10.1.3 Model loading, modification, and training

Now, we can finally load our pertained model and modify its final layer.

1model = tv.models.efficientnet_b0(weights='IMAGENET1K_V1')
2num_classes = 2
in_features = model.classifier[1].in_features
3model.classifier[1] = torch.nn.Linear(in_features, num_classes)

batch_size = 8
epochs = 10
loss_fn = torch.nn.CrossEntropyLoss()
optimizer = torch.optim.Adam(model.parameters(), lr=1e-3)
history = train_model(model, dataset, loss_fn, optimizer,
                      epochs=epochs,
                      validation_split=0.1,
                      batch_size=batch_size)

1: Load the model via the torchvision interface.
2: Define the input an output size of the new layer
3: Exchange the final layer of the network to allow for only two classes

Downloading: "https://download.pytorch.org/models/efficientnet_b0_rwightman-7f5810bc.pth" to /home/runner/.cache/torch/hub/checkpoints/efficientnet_b0_rwightman-7f5810bc.pth
  0%|          | 0.00/20.5M [00:00<?, ?B/s]100%|██████████| 20.5M/20.5M [00:00<00:00, 350MB/s]

Now that we have our model and it was trained for 1ß epochs we can have a look at its performance.

Show the code for the figure

model.eval()
with torch.no_grad():
    y_proba = torch.nn.Softmax(dim=1)(model(X_test_tensor))
y_predict = y_proba.argmax(axis=-1)
myplot(y_predict * (-2) + 1)
acc = (y_predict == y_test_tensor).sum().item() / len(y_test)

n = y_proba.shape[0]
plt.figure()
plt.bar(range(n), y_proba[:, 0], color='y', label=r"p(dog)")
plt.bar(range(n), y_proba[:, 1], color='b', label=r"p(cat)", 
        bottom=y_proba[:, 0])
plt.plot([-0.5, n - 0.5], [0.5, 0.5], "r", linewidth=1.0)
plt.gca().set_aspect(n / (1 * 3))
plt.legend()


epochs_range = range(len(history["train_acc"]))
plt_list = [["train_acc", "-"], ["train_loss", ":"],
            ["val_acc", "--"], ["val_loss", "-."]]
plt.figure()
for name, style in plt_list:
    plt.plot(epochs_range, history[name], style, label=name)
plt.legend(loc="lower right")
plt.gca().set_aspect(epochs / (1 * 3))
plt.show()

In Figure 10.1 (a) we can see the final classification of our model with regards to the test set. For only 7 dogs our model is convinced they are not good dogs but cats, and 0 cats are classified as dogs, in comparison to Figure 7.5 (a) and Figure 8.4 (a) we gained some correct classifications. If we look at the probabilities Figure 10.1 (b), we can see that we have a no close calls, but rather a model that is quite sure about the classification.

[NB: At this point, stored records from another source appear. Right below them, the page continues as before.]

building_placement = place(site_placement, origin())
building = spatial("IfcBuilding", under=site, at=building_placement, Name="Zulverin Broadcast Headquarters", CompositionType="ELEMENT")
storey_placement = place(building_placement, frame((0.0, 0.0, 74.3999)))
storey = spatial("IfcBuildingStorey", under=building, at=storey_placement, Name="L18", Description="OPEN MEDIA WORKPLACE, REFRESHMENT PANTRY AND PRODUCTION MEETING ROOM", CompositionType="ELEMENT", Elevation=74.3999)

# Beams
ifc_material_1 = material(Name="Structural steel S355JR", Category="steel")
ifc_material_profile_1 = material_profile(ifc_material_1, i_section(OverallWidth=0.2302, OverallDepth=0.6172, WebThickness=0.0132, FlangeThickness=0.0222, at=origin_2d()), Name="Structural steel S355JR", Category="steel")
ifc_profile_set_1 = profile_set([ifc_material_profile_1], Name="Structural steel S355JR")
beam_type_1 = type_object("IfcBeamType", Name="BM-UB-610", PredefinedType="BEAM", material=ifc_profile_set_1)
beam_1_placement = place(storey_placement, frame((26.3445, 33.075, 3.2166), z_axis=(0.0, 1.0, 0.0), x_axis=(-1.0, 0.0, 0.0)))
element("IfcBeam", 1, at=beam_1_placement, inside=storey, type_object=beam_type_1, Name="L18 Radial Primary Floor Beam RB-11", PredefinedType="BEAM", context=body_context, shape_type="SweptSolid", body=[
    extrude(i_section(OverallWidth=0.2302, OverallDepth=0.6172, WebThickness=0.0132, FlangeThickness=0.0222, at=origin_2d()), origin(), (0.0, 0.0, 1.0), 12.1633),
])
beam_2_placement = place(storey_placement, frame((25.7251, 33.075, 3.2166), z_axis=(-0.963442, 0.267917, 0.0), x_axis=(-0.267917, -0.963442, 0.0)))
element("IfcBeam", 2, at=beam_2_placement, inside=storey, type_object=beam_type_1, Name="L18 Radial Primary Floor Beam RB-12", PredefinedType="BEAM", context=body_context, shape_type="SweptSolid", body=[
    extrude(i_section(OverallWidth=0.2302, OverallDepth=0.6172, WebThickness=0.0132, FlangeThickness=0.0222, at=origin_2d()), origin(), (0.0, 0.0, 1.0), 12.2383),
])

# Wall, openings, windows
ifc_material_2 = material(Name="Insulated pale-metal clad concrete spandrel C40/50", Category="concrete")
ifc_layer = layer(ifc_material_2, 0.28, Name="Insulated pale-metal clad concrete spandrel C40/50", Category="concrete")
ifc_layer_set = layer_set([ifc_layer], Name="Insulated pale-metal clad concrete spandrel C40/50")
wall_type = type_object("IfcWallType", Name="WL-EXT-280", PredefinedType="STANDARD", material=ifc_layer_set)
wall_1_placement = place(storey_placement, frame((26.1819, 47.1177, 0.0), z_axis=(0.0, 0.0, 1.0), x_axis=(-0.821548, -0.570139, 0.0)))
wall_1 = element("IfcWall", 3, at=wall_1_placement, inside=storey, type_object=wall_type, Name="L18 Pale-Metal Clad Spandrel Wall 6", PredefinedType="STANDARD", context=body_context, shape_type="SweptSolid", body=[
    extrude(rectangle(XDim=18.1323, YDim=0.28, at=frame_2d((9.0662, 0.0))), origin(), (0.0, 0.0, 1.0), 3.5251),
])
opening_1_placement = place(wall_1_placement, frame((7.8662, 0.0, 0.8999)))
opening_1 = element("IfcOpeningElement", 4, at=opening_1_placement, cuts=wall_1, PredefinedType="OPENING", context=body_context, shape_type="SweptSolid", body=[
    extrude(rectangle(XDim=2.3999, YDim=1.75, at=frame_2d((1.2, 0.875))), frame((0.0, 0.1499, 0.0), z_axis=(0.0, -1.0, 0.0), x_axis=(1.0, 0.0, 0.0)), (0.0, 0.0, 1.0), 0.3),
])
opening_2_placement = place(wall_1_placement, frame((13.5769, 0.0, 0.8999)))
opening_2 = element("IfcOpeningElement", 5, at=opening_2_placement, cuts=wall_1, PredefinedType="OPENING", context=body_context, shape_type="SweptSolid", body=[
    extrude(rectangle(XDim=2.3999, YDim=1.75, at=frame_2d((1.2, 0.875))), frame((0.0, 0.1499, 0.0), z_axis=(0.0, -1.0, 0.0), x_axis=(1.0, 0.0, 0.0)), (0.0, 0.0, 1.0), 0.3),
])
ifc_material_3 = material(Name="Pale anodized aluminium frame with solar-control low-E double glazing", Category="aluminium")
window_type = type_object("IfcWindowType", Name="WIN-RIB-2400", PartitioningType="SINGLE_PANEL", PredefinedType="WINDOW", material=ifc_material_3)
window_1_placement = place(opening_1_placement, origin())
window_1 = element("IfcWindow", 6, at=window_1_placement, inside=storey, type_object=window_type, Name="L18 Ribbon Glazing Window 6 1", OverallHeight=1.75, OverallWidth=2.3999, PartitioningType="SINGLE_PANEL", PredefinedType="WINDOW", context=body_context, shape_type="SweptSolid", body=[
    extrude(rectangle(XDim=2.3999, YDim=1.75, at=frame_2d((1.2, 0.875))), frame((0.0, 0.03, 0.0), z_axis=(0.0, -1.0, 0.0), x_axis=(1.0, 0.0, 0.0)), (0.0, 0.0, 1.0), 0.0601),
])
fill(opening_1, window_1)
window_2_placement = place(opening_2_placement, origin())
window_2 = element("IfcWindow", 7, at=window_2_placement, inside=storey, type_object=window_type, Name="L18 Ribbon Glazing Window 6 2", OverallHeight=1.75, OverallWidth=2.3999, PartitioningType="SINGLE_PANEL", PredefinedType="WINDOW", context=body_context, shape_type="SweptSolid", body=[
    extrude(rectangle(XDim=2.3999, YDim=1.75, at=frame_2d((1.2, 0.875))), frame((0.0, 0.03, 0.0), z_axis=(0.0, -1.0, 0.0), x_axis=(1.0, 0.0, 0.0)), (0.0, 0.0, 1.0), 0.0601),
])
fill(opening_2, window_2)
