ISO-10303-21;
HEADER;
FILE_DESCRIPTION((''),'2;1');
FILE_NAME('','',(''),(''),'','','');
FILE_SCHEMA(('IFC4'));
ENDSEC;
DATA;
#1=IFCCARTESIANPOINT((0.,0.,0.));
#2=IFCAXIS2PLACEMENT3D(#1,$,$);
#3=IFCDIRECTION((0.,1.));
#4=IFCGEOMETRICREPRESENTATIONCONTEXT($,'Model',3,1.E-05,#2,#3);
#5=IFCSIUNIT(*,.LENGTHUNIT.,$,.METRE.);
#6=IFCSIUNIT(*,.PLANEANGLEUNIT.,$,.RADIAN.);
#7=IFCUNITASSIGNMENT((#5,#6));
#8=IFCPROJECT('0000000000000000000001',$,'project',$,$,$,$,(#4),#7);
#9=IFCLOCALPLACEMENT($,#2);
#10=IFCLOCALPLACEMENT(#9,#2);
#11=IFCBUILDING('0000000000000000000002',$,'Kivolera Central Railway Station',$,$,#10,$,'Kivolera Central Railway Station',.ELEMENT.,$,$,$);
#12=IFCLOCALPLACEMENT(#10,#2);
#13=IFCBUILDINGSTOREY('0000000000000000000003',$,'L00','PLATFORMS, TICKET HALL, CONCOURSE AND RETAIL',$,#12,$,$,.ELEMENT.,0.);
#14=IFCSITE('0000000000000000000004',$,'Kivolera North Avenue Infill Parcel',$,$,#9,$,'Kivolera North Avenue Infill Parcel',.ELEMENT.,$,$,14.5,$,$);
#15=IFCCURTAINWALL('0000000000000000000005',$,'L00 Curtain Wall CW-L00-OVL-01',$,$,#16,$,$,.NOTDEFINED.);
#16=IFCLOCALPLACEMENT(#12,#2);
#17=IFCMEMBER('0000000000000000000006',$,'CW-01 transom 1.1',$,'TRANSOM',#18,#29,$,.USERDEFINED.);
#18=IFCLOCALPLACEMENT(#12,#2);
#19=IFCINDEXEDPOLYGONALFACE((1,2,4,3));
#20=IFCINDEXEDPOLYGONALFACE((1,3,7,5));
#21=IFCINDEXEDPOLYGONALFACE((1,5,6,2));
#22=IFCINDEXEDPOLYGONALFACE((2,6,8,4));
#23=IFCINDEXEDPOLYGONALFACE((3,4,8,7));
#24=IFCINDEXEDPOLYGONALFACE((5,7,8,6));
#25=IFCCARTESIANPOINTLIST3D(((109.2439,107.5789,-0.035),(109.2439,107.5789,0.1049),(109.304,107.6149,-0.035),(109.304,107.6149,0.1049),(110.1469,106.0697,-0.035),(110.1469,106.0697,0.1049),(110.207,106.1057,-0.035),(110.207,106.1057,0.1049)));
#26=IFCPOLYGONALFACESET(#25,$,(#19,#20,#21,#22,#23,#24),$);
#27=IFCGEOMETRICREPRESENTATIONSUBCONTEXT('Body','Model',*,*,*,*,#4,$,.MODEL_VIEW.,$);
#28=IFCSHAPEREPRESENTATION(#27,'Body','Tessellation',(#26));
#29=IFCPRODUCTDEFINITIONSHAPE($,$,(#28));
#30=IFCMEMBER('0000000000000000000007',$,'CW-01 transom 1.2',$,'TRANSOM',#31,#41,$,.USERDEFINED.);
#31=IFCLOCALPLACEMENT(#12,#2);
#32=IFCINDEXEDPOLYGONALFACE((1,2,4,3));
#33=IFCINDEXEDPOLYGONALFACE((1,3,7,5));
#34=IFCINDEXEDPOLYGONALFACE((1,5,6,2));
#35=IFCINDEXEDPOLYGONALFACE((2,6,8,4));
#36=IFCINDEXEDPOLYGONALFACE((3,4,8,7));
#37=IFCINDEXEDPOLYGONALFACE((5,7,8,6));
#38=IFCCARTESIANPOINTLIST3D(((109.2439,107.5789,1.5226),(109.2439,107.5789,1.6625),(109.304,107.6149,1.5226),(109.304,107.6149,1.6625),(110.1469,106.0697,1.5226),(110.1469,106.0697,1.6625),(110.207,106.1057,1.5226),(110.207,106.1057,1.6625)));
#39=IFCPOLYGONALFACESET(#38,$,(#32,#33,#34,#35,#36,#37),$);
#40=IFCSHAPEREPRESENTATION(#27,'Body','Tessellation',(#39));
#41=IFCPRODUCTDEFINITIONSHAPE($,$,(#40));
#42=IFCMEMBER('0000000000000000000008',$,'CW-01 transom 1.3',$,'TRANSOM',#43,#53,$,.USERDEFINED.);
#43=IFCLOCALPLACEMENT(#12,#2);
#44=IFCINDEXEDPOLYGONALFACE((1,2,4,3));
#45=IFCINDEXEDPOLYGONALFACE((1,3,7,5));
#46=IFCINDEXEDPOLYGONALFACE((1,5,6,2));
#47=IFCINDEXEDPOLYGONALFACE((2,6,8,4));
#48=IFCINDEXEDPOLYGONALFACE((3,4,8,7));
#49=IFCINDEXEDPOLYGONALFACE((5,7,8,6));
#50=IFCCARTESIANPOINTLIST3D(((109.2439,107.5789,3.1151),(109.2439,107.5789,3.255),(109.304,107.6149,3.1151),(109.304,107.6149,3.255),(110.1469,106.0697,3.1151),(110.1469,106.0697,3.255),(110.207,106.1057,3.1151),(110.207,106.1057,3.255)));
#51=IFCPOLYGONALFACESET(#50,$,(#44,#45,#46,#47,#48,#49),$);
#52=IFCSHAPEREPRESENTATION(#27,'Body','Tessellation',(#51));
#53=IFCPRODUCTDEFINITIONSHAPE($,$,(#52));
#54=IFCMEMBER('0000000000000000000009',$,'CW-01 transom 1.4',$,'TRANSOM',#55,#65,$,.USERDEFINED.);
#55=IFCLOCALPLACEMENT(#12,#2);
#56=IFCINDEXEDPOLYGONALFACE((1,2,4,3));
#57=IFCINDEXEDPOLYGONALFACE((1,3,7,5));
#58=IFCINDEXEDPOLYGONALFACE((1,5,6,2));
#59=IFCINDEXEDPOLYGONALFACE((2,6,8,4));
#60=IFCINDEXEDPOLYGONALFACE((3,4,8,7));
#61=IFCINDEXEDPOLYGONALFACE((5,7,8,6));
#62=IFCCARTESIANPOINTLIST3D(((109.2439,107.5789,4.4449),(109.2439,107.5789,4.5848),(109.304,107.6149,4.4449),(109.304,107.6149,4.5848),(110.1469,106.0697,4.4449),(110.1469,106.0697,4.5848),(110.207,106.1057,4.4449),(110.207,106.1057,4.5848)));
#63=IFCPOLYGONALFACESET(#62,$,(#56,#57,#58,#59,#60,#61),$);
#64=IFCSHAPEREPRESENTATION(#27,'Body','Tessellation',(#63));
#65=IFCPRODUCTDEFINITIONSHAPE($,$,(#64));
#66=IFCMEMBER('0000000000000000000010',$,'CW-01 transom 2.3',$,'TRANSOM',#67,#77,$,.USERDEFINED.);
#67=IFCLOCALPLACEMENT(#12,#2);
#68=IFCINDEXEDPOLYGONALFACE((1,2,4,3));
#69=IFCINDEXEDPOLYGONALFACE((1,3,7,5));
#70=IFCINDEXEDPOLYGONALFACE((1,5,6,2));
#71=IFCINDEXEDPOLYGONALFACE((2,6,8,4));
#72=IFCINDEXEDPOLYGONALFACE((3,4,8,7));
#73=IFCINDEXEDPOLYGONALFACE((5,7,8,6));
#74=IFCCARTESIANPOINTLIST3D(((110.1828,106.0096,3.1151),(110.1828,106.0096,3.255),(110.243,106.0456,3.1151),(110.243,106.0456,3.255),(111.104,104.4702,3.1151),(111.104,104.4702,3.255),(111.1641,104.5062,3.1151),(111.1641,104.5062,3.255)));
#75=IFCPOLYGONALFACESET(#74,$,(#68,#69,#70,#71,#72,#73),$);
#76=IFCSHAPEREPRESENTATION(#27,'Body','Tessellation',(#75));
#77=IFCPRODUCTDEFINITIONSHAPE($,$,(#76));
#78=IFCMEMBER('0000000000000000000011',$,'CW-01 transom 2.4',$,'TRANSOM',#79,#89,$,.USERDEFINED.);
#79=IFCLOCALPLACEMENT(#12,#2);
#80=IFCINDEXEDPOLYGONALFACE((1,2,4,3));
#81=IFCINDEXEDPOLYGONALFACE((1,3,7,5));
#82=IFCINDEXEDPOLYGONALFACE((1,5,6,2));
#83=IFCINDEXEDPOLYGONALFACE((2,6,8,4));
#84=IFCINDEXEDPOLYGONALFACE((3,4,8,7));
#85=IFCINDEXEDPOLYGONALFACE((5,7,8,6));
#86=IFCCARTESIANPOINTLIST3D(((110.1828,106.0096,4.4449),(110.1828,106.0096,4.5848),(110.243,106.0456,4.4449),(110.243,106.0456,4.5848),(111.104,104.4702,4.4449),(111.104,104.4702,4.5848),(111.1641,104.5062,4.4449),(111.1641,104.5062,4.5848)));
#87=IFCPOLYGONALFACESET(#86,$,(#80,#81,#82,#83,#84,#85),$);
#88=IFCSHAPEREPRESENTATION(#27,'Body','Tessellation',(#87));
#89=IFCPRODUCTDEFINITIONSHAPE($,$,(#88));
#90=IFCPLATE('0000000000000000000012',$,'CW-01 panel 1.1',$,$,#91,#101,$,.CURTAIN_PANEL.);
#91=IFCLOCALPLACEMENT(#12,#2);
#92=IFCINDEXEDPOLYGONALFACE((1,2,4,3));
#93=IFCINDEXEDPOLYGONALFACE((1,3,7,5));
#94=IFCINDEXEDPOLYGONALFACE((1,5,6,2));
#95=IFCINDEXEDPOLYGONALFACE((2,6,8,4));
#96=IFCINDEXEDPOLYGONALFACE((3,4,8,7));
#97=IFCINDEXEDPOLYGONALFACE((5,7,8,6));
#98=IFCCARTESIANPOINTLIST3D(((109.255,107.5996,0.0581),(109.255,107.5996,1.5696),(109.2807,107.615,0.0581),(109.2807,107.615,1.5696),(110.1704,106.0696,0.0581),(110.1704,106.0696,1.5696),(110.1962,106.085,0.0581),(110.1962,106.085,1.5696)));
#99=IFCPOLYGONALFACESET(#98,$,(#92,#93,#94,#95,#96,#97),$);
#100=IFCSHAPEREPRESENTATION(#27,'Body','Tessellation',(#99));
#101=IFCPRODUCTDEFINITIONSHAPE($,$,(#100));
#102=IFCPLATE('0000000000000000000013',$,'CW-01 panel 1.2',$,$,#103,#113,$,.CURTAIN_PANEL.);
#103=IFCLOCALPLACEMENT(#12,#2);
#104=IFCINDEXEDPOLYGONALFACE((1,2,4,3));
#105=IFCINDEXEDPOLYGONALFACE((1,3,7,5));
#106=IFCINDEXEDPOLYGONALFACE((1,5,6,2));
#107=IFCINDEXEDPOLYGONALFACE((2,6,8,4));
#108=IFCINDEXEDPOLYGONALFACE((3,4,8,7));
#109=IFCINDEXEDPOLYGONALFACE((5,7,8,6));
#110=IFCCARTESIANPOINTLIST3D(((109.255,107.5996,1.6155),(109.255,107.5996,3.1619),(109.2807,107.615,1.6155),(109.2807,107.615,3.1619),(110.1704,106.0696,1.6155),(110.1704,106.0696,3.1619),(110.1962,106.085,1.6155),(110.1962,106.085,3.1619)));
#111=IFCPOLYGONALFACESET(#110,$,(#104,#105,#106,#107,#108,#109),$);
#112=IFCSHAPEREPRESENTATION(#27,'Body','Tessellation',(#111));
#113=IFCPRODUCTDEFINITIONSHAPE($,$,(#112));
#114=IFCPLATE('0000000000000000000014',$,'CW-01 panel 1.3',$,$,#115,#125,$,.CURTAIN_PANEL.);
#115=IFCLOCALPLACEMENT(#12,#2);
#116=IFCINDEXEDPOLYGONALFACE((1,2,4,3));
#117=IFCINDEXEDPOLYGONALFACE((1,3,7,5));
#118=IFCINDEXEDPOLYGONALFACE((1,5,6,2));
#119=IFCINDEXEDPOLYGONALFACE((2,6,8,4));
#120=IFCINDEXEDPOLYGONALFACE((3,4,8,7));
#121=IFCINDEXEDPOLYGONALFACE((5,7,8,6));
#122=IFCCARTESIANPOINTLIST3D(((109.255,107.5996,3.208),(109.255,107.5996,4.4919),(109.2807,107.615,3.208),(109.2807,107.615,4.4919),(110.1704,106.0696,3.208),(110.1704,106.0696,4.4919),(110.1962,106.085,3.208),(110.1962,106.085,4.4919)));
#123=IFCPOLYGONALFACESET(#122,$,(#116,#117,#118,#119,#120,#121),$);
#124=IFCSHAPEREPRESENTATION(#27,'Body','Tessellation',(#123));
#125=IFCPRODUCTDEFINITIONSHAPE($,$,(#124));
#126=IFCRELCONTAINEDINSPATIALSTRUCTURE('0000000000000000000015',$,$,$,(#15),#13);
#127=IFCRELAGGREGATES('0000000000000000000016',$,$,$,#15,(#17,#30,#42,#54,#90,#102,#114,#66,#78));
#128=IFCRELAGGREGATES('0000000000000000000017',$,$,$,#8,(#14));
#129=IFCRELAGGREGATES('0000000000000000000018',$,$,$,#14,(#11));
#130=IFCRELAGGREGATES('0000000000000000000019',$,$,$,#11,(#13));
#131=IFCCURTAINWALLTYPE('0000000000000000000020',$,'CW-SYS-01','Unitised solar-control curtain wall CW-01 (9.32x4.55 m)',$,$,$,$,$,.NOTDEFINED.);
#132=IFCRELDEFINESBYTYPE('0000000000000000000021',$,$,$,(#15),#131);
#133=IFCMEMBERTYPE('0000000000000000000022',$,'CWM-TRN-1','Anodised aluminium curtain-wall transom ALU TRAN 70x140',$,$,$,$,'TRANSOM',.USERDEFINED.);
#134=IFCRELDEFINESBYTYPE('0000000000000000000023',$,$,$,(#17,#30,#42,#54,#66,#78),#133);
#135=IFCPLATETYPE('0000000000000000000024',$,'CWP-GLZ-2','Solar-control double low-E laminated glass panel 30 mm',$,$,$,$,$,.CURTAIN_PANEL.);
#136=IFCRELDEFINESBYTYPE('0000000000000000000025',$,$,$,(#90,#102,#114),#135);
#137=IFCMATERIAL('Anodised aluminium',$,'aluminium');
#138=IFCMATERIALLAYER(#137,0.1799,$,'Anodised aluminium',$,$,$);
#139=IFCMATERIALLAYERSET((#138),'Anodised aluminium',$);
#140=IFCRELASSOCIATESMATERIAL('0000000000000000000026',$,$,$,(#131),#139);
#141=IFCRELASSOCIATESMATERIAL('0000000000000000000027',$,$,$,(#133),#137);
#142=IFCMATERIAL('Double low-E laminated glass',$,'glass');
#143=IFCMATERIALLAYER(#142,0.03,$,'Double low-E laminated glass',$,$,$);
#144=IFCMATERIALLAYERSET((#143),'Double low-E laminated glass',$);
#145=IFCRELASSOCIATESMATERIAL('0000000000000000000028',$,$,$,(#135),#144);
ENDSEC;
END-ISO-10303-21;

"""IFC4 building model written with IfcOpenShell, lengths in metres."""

from ifc_helpers import new_model, si_unit, direction, frame, origin, origin_2d, place, context, subcontext, project, spatial, rectangle, extrude, material, layer, layer_set, material_profile, profile_set, type_object, element, aggregate, save


model = new_model("IFC4")

# Units and contexts
model_context = context("Model", 3, precision=1e-05, world=origin(), true_north=direction((0.0, 1.0)))
body_context = subcontext(model_context, "Body", "Model", "MODEL_VIEW")
ifc_project = project(units=[si_unit("LENGTHUNIT", "METRE"), si_unit("PLANEANGLEUNIT", "RADIAN")], contexts=[model_context])

# Site, building, storey
site_placement = place(None, origin())
site = spatial("IfcSite", under=ifc_project, at=site_placement, Name="Kivolera North Avenue Infill Parcel", LongName="Kivolera North Avenue Infill Parcel", CompositionType="ELEMENT", RefElevation=14.5)
building_placement = place(site_placement, origin())
building = spatial("IfcBuilding", under=site, at=building_placement, Name="Kivolera Central Railway Station", LongName="Kivolera Central Railway Station", CompositionType="ELEMENT")
storey_placement = place(building_placement, origin())
storey = spatial("IfcBuildingStorey", under=building, at=storey_placement, Name="L00", Description="PLATFORMS, TICKET HALL, CONCOURSE AND RETAIL", CompositionType="ELEMENT", Elevation=0.0)

# Curtain wall
ifc_material_1 = material(Name="Anodised aluminium", Category="aluminium")
ifc_layer_1 = layer(ifc_material_1, 0.1799, Name="Anodised aluminium")
ifc_layer_set_1 = layer_set([ifc_layer_1], Name="Anodised aluminium")
curtain_wall_type_1 = type_object("IfcCurtainWallType", Name="CW-SYS-01", Description="Unitised solar-control curtain wall CW-01 (9.32x4.55 m)", PredefinedType="NOTDEFINED", material=ifc_layer_set_1)
curtain_wall_1_placement = place(storey_placement, origin())
curtain_wall_1 = element("IfcCurtainWall", 1, at=curtain_wall_1_placement, inside=storey, type_object=curtain_wall_type_1, Name="L00 Curtain Wall CW-L00-OVL-01", PredefinedType="NOTDEFINED")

Regarding the history of our optimization, we can see that we start quite good (our initial guess of what is a dog and what is a cat seems to be accurate).

At the end, we have an accuracy of 91.25% for our test set,

Exercise 10.1 (Classifier) Instead of replacing the final layer of the classifier, add an additional layer with only two outputs for our two classes. The simplest way is to use the loaded module as the first element in a torch.nn.Sequential model and add a second linear layer.

Exercise 10.2 (Freeze the original network) Instead of including the layers of the original model in the backpropagation try to freeze them and only train a final classifier.

See if using one of the other EfficientNet versions (e.g. v3) performs better or worse in this scenario.

Exercise 10.3 (Padding) Instead of bloating up the image via Resize use Pad to imped the image with a boundary to make sure to reach the original size constraints.

Try the following scenarios and see if there is a difference in the score: - Symmetric padding with black background - Symmetric padding with white background - Asymmetric padding (image in one corner)

Exercise 10.4 (Use a different model) There are more models trained on EfficientNet, try at least with one other model to see if similar results are possible.